Билбил в самом деле был очень озабочен судьбой Костаса. В школе, где он работал, пересажали почти всех учителей, отправили в Армавирскую тюрьму и больше никаких известий. Родные отправляют передачи для них, а связи с заключенными никакой. Почему Костаса, вроде бы все это обошло, непонятно. Может, потому что у него близкий друг – сын очень влиятельного человека из ОГПУ, точнее теперь НКВД? Кто его знает… Может, его и остальных его сыновей отправить куда подальше отсюда? Но куда? Дальше СССР не уедешь. Все границы предусмотрительно закрыты государством.
– Куда наши дети денутся без своих семей? А с семьей не спрятаться. Разве что в лесу жить, людей не видеть, – как бы заключил весь разговор Кокинояни.
– А я бы, Янко, и в лесу согласен был бы пожить несколько лет, только бы в живых остались все наши дети. Уехал бы куда-нибудь в дебри, в Сибирь, там тоже люди живут: Сибирь все-таки не тюрьма, – скорбно произнес Билбил и отвел глаза. – Каждых день я жду плохого известия о Георгосе, Костасе или Исаке. Слава Богу, Анастасу еще шестнадцать лет. Ты не представляешь, что было с моим кумом, Самсоном Харитониди, когда арестовали, как врага народа его старшего сына Аристотеля. Как с ума сошел. И сейчас какой-то больной. Вот так-то брат.
Билбил еще раз устало взглянул на Янко и встал.
Уходя, он истово перекрестился на иконы, крепко обнял брата. Это была их предпоследняя встреча. Последний раз братья встретились на свадьбе Кирилла младшего сына Янко Христопуло.

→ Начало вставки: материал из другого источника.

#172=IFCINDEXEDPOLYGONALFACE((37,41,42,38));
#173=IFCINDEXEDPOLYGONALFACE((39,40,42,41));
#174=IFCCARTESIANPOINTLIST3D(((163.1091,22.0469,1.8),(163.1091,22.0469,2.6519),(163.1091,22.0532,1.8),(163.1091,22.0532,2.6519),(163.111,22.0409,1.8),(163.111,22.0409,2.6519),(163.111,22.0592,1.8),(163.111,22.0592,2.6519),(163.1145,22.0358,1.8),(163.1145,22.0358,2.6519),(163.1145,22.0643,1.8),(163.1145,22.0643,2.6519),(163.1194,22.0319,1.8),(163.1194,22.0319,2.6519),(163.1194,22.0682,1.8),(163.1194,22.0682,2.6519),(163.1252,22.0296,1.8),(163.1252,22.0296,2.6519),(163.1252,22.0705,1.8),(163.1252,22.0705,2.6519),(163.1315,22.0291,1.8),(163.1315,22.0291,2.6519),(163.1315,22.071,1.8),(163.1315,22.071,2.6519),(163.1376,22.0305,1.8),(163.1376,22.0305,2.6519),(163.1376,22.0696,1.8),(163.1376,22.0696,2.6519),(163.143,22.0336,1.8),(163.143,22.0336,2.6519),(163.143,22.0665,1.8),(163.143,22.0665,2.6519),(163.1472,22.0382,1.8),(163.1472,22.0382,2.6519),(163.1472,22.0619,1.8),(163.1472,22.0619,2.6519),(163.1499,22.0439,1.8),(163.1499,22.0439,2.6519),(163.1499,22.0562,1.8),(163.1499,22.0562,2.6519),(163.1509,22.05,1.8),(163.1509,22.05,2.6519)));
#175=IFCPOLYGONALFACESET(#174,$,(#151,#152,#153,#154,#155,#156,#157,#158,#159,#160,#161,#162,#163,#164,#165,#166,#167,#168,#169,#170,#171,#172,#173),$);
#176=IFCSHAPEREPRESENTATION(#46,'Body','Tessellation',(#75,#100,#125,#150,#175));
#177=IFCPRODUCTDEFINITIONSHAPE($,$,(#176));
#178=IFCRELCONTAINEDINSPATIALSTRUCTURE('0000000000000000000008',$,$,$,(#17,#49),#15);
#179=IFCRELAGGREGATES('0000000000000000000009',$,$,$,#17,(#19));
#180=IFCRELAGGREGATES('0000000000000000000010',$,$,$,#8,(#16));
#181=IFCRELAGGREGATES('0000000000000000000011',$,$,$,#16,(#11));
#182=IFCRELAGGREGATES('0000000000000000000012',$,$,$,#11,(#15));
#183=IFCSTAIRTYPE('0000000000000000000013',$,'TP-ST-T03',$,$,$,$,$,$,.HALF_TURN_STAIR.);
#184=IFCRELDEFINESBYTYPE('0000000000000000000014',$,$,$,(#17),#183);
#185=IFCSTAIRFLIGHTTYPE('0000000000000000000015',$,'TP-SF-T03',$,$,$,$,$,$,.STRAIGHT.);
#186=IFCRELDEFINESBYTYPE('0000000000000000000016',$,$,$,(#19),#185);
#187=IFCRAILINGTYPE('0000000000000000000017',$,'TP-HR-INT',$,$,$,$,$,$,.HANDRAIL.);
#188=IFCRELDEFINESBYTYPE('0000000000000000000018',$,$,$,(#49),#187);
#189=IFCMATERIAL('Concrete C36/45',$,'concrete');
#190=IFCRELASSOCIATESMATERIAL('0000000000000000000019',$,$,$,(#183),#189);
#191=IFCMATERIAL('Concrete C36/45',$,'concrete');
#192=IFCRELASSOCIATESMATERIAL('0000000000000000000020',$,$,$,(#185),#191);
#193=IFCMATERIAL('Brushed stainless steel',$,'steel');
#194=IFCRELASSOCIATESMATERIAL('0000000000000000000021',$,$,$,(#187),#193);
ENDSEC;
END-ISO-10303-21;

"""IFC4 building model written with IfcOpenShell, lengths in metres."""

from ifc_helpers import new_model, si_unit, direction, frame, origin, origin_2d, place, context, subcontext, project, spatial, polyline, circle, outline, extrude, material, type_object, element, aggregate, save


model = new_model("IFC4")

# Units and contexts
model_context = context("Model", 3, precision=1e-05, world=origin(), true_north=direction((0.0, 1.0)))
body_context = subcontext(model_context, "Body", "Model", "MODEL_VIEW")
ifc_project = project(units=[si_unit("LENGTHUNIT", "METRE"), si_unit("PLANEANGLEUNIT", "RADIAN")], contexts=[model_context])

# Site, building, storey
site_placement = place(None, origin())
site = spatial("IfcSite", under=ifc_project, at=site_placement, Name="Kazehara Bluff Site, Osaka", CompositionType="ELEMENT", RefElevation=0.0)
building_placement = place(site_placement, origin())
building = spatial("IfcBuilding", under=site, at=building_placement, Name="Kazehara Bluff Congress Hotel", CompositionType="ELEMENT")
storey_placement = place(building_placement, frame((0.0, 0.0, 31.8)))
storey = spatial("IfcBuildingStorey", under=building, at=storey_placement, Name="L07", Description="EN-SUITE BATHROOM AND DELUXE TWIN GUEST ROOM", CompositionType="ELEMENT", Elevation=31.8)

Самым красивым и добрым из родственников был дядя Кирилл, отцовский младший брат. Ирини любила его больше всех. Ее отец, Илья, уже имел шестерых детей, Ирини было семь лет, а Кирилл никак не хотел жениться. Кокинояни недавно выдал замуж свою красавицу Кицу за богатого образованного грека из Лекашовки. Дочь, напоследок, показала свой Христопуловский независимый характер: чуть было не убежала с другим из-под венца. Ирини была у нее за связную. В последний раз, когда она бежала от своей тети с запиской к Костаки Зурначиди, ее остановил старший брат, ухватив за руку:
– Куда это ты, маймун летишь, аж камни и щепки под твоими ногами летят в разные стороны?
Ирини замялась. Не сообразила, что ответить. Федор удивился: Ирини всем была известна своей быстрой реакцией.

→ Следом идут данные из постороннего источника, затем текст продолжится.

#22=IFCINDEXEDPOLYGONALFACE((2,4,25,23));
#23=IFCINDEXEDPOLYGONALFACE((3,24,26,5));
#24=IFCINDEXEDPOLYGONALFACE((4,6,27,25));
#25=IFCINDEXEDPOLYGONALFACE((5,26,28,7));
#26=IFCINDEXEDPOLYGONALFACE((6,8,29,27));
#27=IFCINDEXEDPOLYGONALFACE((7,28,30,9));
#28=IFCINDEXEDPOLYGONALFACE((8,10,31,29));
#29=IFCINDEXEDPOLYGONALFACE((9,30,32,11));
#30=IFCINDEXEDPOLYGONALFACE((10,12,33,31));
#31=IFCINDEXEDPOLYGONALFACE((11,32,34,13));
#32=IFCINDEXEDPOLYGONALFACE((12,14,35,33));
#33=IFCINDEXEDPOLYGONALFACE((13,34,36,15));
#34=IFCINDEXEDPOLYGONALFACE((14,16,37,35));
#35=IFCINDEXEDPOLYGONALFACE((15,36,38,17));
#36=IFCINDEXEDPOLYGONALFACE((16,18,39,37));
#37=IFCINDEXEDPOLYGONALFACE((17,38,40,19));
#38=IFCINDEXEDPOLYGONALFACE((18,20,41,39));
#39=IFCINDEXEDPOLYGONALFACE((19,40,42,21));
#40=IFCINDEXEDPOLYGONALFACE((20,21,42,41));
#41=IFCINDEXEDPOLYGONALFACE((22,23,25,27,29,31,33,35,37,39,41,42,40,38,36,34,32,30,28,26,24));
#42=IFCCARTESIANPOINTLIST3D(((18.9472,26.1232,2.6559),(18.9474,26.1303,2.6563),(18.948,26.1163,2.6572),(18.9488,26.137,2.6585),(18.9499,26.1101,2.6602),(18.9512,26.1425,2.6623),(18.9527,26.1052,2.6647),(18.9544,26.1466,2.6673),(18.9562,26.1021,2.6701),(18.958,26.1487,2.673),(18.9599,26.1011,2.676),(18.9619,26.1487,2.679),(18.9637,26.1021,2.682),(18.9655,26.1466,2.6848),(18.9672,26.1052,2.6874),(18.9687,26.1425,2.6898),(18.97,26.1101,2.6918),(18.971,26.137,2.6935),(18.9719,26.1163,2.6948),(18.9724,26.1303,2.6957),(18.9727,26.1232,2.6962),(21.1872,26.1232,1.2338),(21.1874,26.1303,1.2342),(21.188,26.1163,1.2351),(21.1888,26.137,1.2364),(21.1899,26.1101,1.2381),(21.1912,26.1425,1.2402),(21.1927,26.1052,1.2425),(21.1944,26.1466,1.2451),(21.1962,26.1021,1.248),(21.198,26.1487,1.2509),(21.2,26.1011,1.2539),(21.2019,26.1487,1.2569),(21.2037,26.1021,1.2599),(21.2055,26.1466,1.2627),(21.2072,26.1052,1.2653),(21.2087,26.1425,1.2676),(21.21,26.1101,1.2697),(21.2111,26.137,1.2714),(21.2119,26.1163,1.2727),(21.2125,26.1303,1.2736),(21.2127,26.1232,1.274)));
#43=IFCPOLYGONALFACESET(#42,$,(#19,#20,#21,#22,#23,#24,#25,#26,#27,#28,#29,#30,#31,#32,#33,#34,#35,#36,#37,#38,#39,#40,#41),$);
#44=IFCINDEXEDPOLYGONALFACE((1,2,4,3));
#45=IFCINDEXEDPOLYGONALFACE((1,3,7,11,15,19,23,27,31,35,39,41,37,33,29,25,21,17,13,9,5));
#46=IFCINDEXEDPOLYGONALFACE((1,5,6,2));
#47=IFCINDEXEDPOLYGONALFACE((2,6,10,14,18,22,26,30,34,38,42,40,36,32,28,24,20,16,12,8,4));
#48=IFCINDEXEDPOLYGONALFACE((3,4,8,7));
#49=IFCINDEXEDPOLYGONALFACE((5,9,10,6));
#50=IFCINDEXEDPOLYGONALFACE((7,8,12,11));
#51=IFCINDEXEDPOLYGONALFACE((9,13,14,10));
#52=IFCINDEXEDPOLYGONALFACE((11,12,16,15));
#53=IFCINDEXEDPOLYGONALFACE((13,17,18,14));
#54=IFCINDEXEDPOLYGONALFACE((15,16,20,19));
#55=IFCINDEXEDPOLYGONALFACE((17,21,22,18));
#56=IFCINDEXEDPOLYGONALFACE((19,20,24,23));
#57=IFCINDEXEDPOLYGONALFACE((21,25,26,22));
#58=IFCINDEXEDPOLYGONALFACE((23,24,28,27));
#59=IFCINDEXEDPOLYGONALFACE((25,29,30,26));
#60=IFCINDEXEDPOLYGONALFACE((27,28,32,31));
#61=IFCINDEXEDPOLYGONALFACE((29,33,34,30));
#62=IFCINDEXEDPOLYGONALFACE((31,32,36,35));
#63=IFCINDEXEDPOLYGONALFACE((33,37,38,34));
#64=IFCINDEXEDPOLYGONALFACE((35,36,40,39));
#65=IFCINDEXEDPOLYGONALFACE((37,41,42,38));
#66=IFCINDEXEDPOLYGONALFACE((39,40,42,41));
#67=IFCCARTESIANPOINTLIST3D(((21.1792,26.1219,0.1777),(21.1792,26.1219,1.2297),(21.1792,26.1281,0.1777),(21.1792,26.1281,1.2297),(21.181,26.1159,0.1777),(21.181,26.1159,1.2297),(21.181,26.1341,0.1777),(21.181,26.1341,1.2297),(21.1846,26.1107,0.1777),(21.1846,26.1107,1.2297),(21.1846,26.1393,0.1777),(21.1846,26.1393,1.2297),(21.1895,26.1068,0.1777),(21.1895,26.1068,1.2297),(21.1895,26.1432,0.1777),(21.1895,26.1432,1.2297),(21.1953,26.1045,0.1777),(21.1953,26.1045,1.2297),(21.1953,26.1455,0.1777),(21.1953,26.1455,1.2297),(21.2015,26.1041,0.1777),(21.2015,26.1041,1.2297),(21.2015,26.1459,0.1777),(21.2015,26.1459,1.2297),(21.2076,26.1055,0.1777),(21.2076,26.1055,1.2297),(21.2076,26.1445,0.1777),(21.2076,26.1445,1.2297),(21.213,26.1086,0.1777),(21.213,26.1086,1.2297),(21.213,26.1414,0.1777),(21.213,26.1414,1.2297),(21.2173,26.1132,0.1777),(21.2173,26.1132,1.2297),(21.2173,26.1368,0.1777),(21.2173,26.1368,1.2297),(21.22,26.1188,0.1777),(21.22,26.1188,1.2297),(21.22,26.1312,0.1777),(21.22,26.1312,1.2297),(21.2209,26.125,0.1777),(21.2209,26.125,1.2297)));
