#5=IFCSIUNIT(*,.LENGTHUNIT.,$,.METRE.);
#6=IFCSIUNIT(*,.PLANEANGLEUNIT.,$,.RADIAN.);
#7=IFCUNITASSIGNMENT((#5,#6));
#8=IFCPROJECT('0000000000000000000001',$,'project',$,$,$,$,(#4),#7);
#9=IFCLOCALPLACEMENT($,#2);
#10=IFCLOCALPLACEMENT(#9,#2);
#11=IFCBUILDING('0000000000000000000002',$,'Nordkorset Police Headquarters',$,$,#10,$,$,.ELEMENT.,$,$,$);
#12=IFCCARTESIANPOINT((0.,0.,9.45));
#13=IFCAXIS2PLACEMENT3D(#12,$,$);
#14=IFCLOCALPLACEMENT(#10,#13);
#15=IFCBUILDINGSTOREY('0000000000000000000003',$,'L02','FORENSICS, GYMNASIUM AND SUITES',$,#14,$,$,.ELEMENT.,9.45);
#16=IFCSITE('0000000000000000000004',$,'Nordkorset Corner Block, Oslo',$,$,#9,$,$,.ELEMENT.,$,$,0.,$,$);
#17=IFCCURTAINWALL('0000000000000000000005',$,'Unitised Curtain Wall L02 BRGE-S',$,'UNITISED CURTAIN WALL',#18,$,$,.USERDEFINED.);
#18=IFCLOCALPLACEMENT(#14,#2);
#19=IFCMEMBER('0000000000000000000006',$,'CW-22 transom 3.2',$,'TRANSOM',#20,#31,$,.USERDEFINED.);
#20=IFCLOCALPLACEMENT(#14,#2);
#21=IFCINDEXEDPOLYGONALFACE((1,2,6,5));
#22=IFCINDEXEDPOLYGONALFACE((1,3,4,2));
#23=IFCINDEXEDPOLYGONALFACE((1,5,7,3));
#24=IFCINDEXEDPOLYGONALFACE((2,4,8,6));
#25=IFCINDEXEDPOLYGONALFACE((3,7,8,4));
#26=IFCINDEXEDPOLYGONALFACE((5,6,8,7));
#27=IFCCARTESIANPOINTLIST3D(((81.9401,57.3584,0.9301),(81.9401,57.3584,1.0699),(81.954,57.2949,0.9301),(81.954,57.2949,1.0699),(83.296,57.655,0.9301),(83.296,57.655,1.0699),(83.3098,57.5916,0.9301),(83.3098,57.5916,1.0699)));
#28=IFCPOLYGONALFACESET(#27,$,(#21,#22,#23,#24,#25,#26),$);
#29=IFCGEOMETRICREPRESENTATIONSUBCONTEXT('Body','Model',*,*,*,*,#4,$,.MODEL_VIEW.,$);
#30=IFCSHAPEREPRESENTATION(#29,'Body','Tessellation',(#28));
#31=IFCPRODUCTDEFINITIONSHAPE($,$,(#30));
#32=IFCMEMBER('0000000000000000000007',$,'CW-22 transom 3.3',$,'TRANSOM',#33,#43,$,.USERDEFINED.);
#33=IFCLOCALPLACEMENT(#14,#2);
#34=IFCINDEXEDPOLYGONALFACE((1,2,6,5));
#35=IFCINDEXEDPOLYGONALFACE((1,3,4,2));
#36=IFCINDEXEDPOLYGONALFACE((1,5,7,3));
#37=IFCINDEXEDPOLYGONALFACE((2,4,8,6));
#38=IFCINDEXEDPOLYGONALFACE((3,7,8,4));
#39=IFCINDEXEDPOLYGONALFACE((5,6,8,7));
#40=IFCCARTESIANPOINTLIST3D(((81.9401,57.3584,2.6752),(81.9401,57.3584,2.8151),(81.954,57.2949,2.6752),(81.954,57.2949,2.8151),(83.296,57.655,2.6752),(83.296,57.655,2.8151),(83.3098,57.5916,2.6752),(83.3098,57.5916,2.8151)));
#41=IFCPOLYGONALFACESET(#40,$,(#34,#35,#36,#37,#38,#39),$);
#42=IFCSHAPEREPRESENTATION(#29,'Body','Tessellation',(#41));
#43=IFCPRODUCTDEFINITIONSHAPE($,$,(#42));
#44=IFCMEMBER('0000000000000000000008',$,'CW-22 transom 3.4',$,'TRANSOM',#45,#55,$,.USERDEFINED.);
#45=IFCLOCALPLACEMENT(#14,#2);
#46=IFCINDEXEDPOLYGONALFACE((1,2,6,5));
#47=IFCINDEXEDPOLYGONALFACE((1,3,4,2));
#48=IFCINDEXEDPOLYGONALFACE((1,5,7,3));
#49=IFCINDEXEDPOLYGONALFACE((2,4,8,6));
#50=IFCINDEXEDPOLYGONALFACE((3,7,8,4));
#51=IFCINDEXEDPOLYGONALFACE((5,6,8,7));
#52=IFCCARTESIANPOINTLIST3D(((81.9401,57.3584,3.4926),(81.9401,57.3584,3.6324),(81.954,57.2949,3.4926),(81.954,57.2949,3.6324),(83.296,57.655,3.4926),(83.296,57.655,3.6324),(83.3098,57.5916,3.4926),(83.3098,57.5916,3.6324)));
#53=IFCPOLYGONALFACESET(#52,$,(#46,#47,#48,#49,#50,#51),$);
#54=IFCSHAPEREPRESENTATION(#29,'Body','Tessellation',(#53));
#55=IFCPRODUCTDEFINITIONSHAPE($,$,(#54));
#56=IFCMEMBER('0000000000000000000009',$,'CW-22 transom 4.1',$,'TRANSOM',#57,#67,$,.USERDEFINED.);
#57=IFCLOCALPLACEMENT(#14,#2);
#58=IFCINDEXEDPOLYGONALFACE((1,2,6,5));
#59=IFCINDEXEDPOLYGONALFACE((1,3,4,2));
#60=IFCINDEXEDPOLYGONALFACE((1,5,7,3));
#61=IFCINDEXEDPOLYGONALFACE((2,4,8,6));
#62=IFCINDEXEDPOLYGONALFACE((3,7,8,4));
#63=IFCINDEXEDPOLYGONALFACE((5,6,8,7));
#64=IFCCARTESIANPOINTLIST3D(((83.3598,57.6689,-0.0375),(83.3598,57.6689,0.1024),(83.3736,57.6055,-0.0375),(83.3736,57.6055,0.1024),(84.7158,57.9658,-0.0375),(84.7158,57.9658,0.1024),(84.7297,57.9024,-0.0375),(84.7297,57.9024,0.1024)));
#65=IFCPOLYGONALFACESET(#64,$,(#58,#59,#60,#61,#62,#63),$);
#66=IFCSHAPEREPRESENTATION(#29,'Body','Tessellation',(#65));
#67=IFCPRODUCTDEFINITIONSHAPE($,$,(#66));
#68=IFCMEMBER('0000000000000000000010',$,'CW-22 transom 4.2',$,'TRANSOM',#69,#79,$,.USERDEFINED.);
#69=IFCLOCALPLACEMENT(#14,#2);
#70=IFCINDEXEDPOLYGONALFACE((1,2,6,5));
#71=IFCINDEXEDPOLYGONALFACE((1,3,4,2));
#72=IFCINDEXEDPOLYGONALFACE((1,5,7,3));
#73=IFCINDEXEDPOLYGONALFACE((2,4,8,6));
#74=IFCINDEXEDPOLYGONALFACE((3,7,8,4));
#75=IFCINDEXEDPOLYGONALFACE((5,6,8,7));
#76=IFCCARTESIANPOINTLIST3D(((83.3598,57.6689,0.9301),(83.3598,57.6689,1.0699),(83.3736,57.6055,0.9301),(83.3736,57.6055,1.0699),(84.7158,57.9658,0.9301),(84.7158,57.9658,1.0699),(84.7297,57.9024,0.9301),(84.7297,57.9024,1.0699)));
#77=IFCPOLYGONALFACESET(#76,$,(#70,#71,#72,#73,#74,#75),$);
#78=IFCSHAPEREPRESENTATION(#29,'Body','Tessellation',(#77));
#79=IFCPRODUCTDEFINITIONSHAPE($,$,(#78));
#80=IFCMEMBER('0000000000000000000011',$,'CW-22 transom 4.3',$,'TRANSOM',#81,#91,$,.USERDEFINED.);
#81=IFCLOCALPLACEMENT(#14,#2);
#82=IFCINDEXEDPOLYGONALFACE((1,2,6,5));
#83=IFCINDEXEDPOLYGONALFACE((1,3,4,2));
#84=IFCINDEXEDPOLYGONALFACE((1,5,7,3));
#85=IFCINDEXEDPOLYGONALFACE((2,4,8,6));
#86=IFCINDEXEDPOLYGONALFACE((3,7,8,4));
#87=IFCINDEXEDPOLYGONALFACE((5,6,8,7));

– Ты что молчишь? – брат сел перед ней на корточки, чтоб лучше видеть ее лицо.
Ирини инстинктивно спрятала руку с запиской за спину, опустила голову.
– Ну, а что это ты прячешь глаза?
Брат разговаривал ласково, чуть насмешливо. Поправил сбившуюся ее косицу. Ирини подняла глаза.
– Ну, покажи, что это ты прячешь за спиной, – Федя дружески положил руку ей на плечо.
Ирини понимала, что ей не выкрутиться и, что она подведет горячо любимую тетю.
– Ты ж меня знаешь, я никому ничего не скажу.
– Не скажешь? – глаза Ирини заблестели. – Кому-кому, а брату она безоговорочно доверяла.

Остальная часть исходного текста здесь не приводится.